At least 10 others have been rounded up. The quantity of explosives found on them are said to be small but the police are worried about the seizure of a district map from them.
PTI quoted police commissioner Karan Singka as saying that some papers found during a search suggested that the suspects were plotting to blow up the Coimbatore Medical College Hospital.
A small quantity of bomb-making materials, besides about 400 gm of country-made gun powder (a charge of potassium chlorate and ammonium nitrate usually used for blasting while digging wells) were found on the suspects, police sources said.

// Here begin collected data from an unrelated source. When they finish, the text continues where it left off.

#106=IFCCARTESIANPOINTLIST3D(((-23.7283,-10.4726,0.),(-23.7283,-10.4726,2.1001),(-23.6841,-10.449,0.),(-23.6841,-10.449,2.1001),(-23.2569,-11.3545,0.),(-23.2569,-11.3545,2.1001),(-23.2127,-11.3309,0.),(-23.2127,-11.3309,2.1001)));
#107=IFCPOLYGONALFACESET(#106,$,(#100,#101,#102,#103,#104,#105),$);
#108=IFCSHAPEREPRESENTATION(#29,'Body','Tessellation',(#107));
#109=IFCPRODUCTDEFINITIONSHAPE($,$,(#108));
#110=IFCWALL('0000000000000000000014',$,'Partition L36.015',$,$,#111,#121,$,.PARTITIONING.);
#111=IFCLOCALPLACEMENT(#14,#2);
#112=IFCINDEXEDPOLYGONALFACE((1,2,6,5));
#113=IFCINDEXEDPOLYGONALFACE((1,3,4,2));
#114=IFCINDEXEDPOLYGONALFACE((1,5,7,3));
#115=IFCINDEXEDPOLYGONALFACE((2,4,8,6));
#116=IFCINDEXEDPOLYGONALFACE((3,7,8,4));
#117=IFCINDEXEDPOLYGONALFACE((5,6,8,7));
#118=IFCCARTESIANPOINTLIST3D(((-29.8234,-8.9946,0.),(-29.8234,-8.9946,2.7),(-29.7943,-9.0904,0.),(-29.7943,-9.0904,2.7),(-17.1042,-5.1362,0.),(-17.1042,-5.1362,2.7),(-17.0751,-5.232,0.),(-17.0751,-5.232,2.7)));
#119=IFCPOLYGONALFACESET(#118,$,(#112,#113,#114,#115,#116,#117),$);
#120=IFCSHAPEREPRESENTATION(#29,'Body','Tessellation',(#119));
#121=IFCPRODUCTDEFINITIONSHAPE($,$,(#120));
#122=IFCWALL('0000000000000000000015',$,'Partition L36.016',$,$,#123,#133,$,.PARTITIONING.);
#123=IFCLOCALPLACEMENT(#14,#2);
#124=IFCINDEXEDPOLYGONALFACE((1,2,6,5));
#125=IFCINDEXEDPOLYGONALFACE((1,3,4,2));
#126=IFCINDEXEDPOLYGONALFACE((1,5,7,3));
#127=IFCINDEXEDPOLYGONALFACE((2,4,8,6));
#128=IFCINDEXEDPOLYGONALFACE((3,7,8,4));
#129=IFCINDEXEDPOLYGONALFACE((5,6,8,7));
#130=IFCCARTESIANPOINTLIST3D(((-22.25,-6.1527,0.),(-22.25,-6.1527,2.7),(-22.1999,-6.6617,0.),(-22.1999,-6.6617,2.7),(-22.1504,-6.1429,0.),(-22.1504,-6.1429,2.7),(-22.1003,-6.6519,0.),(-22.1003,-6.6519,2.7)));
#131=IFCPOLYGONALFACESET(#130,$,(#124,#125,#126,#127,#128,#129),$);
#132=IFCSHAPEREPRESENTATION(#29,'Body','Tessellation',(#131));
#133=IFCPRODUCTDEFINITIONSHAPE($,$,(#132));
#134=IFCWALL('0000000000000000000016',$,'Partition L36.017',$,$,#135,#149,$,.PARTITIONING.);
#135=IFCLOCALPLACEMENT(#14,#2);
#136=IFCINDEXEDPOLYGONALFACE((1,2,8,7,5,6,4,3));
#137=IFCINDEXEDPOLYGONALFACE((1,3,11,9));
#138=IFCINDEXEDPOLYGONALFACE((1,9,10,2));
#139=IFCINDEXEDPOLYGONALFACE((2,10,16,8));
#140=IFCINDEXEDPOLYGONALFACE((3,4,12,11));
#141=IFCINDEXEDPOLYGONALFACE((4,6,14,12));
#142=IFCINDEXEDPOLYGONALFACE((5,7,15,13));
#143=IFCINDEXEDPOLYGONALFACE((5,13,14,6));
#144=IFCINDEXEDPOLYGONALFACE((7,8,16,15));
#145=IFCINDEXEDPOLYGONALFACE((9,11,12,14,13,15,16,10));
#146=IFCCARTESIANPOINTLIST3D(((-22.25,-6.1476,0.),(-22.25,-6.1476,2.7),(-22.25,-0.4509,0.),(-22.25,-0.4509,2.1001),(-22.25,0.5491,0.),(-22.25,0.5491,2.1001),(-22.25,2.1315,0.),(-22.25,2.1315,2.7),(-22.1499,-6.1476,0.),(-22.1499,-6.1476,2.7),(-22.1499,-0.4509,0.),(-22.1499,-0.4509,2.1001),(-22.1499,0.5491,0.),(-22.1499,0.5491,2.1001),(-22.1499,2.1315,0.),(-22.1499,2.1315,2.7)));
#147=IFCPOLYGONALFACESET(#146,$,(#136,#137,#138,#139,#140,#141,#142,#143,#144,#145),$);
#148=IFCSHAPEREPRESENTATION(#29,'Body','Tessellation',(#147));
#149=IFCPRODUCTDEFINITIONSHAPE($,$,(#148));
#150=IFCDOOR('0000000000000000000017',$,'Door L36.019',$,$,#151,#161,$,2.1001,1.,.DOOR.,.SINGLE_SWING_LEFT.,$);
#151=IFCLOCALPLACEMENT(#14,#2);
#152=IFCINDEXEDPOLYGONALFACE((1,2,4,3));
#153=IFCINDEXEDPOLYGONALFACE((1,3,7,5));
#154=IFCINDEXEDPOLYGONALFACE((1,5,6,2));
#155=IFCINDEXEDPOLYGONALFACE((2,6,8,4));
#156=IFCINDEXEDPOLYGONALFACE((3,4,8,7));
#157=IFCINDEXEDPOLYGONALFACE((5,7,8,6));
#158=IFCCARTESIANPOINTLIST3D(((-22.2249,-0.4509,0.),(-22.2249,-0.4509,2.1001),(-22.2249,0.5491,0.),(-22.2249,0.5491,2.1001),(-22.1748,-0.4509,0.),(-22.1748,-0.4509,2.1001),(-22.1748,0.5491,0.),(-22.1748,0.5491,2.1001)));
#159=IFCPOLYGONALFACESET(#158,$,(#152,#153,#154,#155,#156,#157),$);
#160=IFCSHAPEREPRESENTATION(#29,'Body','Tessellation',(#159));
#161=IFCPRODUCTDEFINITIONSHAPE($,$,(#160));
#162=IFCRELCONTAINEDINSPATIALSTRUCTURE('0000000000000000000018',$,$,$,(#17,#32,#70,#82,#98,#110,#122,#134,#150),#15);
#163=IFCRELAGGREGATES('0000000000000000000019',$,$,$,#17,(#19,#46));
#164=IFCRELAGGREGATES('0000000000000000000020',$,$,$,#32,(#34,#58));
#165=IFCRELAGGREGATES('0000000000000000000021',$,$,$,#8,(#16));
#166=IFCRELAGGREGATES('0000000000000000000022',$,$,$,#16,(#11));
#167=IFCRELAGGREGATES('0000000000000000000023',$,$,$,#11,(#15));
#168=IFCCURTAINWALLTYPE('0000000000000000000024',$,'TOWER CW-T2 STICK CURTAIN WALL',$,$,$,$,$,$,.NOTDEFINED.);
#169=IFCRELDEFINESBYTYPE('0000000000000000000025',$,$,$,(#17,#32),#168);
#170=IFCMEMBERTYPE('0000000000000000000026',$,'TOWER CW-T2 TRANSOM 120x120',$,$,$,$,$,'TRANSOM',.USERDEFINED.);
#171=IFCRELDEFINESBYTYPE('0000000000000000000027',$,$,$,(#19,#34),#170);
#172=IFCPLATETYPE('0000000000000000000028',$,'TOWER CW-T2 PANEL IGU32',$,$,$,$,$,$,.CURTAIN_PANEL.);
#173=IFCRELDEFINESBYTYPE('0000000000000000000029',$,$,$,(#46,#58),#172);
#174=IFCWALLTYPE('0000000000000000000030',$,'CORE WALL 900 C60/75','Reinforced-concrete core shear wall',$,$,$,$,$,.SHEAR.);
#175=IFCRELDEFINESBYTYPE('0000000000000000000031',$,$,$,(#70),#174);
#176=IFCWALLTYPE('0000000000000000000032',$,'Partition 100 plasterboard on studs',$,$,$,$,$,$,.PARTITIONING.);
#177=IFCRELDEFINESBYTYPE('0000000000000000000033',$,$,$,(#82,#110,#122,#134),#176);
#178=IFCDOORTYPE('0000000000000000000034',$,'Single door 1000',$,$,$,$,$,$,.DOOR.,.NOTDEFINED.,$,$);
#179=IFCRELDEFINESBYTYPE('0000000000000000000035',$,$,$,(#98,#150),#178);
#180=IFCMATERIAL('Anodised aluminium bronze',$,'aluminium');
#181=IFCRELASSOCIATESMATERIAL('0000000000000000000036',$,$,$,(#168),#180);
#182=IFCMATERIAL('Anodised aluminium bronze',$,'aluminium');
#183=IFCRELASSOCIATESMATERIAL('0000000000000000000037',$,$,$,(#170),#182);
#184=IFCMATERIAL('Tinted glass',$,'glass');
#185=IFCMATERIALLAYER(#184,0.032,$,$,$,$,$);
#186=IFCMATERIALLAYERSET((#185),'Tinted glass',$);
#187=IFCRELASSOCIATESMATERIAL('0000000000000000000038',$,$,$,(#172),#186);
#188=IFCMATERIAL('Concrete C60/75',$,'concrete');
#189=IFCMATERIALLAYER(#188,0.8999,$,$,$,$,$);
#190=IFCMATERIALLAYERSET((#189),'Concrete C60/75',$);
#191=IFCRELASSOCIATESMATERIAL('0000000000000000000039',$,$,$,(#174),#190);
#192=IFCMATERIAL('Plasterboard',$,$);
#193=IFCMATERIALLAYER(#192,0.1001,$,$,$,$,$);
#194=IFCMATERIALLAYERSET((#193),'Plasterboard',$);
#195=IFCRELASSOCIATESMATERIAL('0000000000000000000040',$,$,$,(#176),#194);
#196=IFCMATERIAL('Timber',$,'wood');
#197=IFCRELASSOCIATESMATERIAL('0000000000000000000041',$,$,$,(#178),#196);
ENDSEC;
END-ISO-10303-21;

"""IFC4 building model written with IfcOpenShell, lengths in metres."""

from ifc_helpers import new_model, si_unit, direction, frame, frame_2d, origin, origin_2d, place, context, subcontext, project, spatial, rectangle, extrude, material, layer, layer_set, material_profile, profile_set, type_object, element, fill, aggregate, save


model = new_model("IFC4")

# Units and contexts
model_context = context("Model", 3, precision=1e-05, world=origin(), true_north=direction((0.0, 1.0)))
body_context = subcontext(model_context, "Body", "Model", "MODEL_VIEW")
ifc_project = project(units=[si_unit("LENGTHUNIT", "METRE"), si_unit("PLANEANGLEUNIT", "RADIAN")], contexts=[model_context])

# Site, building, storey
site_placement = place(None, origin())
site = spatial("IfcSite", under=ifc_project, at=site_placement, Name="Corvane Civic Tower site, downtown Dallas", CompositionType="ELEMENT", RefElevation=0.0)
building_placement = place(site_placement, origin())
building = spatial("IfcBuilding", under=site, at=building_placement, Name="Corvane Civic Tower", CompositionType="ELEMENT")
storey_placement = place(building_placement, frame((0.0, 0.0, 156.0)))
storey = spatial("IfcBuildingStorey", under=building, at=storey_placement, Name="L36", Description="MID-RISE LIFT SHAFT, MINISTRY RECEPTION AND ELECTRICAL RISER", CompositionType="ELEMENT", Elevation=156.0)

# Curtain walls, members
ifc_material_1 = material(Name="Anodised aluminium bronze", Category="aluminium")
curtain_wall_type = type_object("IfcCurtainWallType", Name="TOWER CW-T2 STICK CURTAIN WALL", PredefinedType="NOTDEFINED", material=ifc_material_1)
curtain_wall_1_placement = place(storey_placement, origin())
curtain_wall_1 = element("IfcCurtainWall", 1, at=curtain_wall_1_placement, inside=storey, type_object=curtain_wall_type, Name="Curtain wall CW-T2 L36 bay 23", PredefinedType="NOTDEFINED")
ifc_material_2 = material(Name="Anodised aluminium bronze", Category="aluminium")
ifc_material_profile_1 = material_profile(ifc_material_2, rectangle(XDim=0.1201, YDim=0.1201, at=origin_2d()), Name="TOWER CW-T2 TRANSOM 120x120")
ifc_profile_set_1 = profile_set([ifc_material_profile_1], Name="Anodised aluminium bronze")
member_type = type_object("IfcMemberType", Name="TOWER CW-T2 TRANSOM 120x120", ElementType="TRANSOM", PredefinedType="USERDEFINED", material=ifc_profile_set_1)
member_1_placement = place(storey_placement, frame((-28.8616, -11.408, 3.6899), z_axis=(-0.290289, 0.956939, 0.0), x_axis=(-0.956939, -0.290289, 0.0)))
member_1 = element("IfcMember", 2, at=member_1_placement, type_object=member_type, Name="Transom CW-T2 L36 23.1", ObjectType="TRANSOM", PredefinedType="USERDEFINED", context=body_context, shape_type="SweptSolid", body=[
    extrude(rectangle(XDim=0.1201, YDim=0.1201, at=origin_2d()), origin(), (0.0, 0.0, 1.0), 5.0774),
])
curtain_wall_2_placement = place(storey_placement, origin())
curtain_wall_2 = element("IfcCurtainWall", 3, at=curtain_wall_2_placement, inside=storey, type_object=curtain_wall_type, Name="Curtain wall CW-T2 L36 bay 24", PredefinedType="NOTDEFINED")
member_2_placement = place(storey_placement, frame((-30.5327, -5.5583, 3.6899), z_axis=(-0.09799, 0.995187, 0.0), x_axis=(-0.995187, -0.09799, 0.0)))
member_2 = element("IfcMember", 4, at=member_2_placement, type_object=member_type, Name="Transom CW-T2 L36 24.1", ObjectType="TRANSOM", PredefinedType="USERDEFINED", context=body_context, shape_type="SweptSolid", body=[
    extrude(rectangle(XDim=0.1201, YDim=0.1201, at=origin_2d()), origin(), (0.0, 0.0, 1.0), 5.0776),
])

Earlier reports from Coimbatore suggested that several kilos of gelatine sticks were also found. But the police did not confirm the seizure.
Wires, pieces of metal, iron balls and a few batteries, besides a device used to ignite gun powder, were fished out from the homes of some of those arrested, the police said.
Three of the arrested belong to a little-known outfit, Manitha Neethi Paasarai, headed by one Ghulam Ahmed.
In 1998, a series of bombs had gone off in the city minutes before BJP leader L.K. Advani was to address an election meeting.
Tourist bomber
In Srinagar, the police today confirmed the identity of the alleged mastermind of the attacks on tourists as Mudasir Gujri alias Raju (in PTI picture).
Sources had earlier said he was arrested.
His real name is Mohammad Rafiq Sheikh. He had been motivated and taken to Pakistan by one Abu Osama in 1999 to join the Lashkar-e-Toiba, Jammu and Kashmir director-general of police Gopal Sharma said in Srinagar.
He has been directly responsible and has taken part in multi-targeted grenade attacks in Srinagar on April 14 and July 11. He personally distributed the grenades and also took part in such attacks.
Tourists from Bengal were among nine people killed in the serial blasts on July 11.